# Frogs & Toads > Budgett's Frogs >  New Budgett's

## otofrog

Well, I finally got a Budgett's frog at the reptile expo in White Plains after like 3 years of searching yesterday. He tried to bite me the second I picked up his container. There were some really big fat pipa pipa there at the expo, I really wish I got one, cause I bet they won't have them at the next show in September.
For now my Budgett's is in a small container. He is super voracious, he ate 6 worms the day I brought him home. Not going to lie, I'm actually a bit scared to put my finger near him. :Frog Smile:  :Frog Smile: 
Once I set up a 55 gallon for my ribbed newts (which are currently in a 20 gallon high) the frog will get the 20 high all to himself. 
Does anybody else here keep them nowadays?

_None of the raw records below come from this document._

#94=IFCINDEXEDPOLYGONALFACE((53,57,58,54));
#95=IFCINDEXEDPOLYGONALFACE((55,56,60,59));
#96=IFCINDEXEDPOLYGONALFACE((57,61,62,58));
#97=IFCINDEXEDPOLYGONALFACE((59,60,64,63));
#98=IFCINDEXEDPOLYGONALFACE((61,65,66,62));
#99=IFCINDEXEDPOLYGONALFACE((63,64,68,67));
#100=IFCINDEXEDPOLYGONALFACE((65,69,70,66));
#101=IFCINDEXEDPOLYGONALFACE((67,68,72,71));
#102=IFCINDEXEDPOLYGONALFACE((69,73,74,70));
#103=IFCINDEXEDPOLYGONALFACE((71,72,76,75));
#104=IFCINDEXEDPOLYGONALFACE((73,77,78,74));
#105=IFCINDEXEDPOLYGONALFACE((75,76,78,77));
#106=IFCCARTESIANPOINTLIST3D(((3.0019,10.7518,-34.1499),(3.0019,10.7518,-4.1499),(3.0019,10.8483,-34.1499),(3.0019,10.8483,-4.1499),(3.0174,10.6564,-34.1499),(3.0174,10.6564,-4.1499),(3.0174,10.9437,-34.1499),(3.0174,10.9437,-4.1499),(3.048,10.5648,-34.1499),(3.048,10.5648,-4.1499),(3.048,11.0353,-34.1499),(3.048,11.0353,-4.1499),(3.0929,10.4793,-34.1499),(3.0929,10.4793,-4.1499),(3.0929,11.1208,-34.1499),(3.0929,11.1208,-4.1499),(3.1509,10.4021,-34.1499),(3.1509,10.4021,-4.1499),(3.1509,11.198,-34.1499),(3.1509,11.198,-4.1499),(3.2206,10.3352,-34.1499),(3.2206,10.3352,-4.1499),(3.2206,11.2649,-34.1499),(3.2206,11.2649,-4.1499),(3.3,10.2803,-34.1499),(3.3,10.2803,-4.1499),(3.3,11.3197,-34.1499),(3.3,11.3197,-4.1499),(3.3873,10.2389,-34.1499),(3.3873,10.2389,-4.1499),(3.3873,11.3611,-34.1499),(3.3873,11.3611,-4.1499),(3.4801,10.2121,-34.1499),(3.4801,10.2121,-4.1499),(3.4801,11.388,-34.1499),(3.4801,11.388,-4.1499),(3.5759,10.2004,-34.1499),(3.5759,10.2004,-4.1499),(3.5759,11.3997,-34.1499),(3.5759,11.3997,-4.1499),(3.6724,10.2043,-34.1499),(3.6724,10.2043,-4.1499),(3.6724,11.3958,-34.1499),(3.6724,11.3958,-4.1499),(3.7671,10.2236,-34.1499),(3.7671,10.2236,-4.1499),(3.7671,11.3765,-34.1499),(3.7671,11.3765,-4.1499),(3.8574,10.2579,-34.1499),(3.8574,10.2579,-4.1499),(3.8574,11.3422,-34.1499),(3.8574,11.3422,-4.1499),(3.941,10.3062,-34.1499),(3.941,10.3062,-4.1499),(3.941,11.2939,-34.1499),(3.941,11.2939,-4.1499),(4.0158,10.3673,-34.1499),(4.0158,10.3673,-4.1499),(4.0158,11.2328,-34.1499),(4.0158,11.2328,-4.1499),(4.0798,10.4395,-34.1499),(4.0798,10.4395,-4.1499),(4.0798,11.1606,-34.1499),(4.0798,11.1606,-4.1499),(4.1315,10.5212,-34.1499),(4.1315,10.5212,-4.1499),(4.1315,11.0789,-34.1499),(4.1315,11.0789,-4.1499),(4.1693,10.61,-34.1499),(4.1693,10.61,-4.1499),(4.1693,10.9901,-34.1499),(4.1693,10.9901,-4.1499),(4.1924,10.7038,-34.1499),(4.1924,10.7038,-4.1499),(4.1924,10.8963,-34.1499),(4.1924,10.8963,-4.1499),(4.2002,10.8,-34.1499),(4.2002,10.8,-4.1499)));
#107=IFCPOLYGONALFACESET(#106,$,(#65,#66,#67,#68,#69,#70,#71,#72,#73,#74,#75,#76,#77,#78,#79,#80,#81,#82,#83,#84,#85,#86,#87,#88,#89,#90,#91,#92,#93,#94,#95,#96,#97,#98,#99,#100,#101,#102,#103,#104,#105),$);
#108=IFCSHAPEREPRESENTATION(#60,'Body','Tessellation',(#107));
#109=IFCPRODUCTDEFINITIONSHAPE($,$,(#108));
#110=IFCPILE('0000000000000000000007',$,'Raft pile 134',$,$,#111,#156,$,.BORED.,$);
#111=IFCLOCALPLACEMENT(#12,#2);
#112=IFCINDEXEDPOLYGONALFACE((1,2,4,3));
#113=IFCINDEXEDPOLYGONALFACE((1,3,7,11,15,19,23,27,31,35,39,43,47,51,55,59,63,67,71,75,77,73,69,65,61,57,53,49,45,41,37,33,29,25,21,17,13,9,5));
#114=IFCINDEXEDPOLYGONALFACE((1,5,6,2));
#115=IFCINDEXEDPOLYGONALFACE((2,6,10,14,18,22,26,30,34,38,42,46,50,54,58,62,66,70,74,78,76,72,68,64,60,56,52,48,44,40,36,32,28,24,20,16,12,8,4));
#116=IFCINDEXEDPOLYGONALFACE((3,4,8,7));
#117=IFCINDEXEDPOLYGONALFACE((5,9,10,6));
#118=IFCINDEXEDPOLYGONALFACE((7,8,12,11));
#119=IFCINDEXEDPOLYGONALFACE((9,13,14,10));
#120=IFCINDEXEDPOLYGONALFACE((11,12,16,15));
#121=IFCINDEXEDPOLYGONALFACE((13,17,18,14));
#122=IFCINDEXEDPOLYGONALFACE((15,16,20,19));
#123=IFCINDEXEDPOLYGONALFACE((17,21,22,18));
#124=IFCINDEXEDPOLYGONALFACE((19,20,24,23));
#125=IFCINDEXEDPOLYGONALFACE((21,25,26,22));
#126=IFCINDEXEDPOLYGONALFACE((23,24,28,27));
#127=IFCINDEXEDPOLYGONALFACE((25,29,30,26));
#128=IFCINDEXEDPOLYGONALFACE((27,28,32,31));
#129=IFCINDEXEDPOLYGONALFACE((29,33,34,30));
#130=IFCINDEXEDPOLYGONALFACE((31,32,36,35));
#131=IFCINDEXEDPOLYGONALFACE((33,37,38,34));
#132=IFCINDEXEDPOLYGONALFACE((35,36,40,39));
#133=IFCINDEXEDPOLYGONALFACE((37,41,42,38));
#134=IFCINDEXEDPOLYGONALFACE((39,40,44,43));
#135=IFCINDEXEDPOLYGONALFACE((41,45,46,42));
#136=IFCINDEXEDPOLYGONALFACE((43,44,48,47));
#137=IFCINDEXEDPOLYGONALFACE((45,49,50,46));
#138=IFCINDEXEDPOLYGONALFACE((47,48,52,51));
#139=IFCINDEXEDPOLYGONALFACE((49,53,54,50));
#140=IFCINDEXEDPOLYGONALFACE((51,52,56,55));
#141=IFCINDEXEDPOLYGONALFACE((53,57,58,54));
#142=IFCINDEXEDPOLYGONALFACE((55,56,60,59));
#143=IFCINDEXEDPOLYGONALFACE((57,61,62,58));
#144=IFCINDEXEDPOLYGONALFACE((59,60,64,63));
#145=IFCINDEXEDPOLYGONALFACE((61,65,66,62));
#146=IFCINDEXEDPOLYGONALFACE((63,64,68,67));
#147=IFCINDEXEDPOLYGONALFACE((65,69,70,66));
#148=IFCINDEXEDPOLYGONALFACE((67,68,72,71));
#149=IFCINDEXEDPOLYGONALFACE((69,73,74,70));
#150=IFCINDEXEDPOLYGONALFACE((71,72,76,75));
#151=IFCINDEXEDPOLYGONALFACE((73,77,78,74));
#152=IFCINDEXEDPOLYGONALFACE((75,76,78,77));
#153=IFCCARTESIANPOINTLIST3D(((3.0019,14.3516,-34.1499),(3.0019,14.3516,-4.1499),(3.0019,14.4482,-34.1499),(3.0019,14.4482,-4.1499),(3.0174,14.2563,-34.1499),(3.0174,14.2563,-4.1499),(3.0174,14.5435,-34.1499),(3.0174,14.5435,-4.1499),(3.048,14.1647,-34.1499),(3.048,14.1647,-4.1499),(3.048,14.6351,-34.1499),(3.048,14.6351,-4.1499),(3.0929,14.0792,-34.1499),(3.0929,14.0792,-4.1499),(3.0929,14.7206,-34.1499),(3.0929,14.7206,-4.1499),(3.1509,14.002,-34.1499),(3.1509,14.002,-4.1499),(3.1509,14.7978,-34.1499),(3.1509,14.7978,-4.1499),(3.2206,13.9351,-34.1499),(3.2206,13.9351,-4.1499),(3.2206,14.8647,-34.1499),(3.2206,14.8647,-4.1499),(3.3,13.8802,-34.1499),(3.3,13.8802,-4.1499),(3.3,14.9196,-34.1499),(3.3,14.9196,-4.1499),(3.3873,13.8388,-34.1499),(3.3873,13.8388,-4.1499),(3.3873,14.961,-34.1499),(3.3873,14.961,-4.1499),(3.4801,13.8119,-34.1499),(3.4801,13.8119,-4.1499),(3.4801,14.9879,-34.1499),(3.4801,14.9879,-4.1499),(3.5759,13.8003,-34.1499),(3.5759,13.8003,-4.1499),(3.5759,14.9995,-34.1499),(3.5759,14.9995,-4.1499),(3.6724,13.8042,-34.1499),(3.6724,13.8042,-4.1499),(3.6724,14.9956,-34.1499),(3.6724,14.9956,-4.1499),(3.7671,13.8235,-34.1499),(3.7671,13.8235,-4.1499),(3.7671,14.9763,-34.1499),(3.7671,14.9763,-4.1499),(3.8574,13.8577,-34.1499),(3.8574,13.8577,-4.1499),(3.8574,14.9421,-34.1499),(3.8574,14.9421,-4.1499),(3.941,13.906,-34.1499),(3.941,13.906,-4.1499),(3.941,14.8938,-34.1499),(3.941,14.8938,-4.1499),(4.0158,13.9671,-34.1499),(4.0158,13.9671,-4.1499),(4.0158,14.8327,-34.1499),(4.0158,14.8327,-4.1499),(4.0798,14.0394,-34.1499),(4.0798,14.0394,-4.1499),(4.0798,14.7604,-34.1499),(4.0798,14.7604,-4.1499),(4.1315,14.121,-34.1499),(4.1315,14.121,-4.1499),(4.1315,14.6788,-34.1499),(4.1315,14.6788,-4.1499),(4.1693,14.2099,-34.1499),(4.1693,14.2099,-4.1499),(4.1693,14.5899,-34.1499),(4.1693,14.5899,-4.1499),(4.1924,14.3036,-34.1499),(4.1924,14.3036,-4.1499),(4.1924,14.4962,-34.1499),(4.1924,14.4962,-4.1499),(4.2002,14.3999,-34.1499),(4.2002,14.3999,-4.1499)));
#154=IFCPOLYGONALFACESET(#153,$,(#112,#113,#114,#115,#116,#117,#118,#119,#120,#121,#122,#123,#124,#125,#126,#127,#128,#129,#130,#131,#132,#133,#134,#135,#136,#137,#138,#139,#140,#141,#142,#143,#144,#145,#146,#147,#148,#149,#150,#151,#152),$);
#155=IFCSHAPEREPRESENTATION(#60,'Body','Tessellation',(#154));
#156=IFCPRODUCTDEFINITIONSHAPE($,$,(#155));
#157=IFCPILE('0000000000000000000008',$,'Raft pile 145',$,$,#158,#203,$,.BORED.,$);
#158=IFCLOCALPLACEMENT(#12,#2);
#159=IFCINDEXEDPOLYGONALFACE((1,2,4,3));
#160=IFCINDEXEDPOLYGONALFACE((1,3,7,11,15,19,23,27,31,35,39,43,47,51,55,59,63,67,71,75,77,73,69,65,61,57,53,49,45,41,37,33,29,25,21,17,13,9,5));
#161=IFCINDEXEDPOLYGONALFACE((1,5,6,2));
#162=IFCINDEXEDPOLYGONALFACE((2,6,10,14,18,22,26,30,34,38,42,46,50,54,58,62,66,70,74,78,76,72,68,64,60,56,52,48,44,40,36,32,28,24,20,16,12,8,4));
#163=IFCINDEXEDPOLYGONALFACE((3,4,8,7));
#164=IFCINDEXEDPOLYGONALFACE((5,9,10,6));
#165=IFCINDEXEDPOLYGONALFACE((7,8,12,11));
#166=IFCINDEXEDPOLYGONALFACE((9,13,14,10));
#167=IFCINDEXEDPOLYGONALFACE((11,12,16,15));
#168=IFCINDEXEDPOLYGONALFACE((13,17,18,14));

On YouTube I see tons of people in Japan keep them but literally nobody in America seems to have them anymore.

----------


## Dan

I had one years ago and unfortunately this was long before the species care was even remotely understood. Keep us posted how yours makes out.

----------


## otofrog

I'm sorry to report this but he died. :Frown: 
He must've had a parasite, he was eating fine, lunging at me when I put my finger against the glass, etc. I know I didn't do anything to kill him, it had to be the seller at the expo, who had some super skinny white's tree frogs and so many other animals it made me hard to believe he was breeding each and every one. I guess this is what I get for not being able to keep myself from buying a frog instead of waiting for a better seller to offer them.

I never had any luck with any ceratophryidae frogs, they always end up dying a few weeks later for no reason.

----------


## Dan

That’s a shame. I was hoping you’d have success.

----------